The core family unit is presented as completely broken; the wife is having a sadistic affair and encourages her husband into a criminal enterprise, and the daughter is rebellious and violent. Motherhood is not celebrated in any capacity. The two main female characters, the protagonist's wife and the serial killer's wife, are depicted as actively immoral, sexually deviant, unfaithful, or viciously complicit in serial murder and dismemberment. This is an extremely anti-family and anti-natalist message of despair, showing gender relations as corrosive and complementary only in depravity. However, the film does not feature the 'Girl Boss' trope of an idealized, morally perfect female lead.
The core of the story is centered on traditional male-female pairings and their violent, corrupt dynamics. Sexual deviance is present as a factor in the villains' overall depravity, including a brief fetishistic scene between two female characters. This element is used to underscore the villains' corruption, not to normalize or center alternative sexualities as a political position. There is no lecturing on gender ideology or advocacy for the deconstruction of the nuclear family through a queer theory lens; the family simply collapses under the weight of crime and moral decay.
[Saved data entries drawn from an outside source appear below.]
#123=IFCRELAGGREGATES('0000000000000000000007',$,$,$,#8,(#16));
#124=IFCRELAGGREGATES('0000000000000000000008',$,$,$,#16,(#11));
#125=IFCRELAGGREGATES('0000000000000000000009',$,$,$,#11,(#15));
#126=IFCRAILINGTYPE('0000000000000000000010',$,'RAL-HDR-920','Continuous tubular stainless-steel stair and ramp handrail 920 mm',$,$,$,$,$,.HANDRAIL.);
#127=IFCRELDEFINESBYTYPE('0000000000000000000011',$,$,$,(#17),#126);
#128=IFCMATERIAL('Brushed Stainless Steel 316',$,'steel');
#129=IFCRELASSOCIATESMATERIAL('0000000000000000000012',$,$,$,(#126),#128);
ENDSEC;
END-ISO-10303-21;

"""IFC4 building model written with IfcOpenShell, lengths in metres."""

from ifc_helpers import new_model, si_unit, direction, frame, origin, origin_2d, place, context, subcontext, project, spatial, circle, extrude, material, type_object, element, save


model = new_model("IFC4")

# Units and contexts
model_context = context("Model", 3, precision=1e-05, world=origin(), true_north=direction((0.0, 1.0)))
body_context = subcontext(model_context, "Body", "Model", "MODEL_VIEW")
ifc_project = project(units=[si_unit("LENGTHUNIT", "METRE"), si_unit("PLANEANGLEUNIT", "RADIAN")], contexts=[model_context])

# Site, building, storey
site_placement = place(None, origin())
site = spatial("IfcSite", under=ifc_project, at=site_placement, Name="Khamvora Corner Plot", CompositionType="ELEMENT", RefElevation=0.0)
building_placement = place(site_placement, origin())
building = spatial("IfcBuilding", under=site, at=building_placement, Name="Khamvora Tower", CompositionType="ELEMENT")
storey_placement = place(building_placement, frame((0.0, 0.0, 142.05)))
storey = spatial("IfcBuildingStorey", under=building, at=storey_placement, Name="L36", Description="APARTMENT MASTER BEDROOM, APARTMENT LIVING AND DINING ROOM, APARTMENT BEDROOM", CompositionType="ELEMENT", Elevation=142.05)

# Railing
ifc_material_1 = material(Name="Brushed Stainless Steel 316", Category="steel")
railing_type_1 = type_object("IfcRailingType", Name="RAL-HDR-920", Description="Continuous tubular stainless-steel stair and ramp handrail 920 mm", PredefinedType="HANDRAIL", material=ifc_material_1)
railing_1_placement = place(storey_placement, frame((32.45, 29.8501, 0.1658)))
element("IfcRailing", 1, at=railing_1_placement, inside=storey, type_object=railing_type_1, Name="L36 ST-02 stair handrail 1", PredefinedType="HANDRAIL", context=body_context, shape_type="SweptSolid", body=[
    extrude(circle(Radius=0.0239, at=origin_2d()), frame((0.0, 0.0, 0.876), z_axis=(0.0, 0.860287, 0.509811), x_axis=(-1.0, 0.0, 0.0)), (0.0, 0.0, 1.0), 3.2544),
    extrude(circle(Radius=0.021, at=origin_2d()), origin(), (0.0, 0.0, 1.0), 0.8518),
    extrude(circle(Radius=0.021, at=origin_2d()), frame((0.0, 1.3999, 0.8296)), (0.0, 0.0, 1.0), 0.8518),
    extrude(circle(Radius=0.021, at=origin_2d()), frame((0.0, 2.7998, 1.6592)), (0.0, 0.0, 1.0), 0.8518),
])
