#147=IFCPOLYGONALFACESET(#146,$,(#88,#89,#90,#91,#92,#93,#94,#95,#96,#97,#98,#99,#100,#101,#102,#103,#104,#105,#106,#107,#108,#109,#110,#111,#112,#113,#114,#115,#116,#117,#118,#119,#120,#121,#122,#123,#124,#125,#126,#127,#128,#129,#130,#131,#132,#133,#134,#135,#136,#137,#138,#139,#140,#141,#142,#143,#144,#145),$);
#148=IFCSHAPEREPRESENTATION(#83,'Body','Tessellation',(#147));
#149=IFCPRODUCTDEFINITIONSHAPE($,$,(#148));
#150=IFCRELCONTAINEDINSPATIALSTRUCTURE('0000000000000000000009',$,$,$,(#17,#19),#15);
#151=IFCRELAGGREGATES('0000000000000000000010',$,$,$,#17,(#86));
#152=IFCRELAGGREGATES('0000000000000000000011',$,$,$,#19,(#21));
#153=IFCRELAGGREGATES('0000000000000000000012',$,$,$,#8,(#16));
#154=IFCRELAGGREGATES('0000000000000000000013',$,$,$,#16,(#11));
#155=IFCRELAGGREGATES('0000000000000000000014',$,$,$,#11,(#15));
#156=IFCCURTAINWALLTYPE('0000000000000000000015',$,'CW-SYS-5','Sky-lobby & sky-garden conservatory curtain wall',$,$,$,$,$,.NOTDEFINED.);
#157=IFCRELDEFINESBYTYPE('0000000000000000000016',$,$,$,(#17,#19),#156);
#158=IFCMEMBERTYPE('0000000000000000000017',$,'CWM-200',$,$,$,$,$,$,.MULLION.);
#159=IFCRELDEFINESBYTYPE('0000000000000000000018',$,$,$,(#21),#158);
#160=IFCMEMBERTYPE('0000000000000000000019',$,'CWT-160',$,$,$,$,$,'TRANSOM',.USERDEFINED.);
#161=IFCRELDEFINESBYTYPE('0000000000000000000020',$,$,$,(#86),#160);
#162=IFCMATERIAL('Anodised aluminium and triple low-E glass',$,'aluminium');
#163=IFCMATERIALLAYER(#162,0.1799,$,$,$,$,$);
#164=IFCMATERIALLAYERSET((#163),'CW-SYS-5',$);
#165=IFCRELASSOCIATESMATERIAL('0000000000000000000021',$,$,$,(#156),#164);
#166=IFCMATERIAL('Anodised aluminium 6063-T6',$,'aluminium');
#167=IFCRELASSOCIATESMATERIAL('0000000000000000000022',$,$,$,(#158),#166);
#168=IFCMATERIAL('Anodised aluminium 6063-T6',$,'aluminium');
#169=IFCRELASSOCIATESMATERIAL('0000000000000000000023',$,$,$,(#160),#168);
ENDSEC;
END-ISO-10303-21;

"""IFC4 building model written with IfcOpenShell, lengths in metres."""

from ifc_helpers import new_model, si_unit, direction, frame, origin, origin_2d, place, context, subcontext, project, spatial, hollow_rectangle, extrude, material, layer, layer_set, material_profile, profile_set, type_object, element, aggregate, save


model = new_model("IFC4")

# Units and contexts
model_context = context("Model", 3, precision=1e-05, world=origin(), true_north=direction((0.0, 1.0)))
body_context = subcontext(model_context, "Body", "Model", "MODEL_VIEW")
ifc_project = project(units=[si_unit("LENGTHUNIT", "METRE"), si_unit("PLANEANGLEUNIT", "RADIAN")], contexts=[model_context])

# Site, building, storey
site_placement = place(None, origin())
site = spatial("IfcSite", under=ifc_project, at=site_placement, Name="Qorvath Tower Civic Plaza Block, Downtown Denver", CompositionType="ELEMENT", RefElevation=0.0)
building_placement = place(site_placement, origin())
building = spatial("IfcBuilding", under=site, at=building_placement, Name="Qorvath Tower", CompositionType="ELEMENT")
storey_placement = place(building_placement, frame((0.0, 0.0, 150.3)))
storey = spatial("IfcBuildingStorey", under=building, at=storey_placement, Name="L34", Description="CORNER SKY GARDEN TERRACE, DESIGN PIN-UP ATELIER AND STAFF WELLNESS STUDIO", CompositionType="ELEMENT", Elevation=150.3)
The movie is explicitly nihilistic; the protagonist's final lines articulate a philosophy of complete despair, stating that 'Life is pain.' Morality is portrayed as entirely subjective and dictated by the power dynamics of the sociopathic antagonist who forces the weak-willed protagonist into crime. Religious imagery, specifically a statue of the Virgin Mary and Catholic artifacts, is used for macabre humor and in the context of absurd violence, suggesting a profound spiritual vacuum and hostility toward transcendent moral law.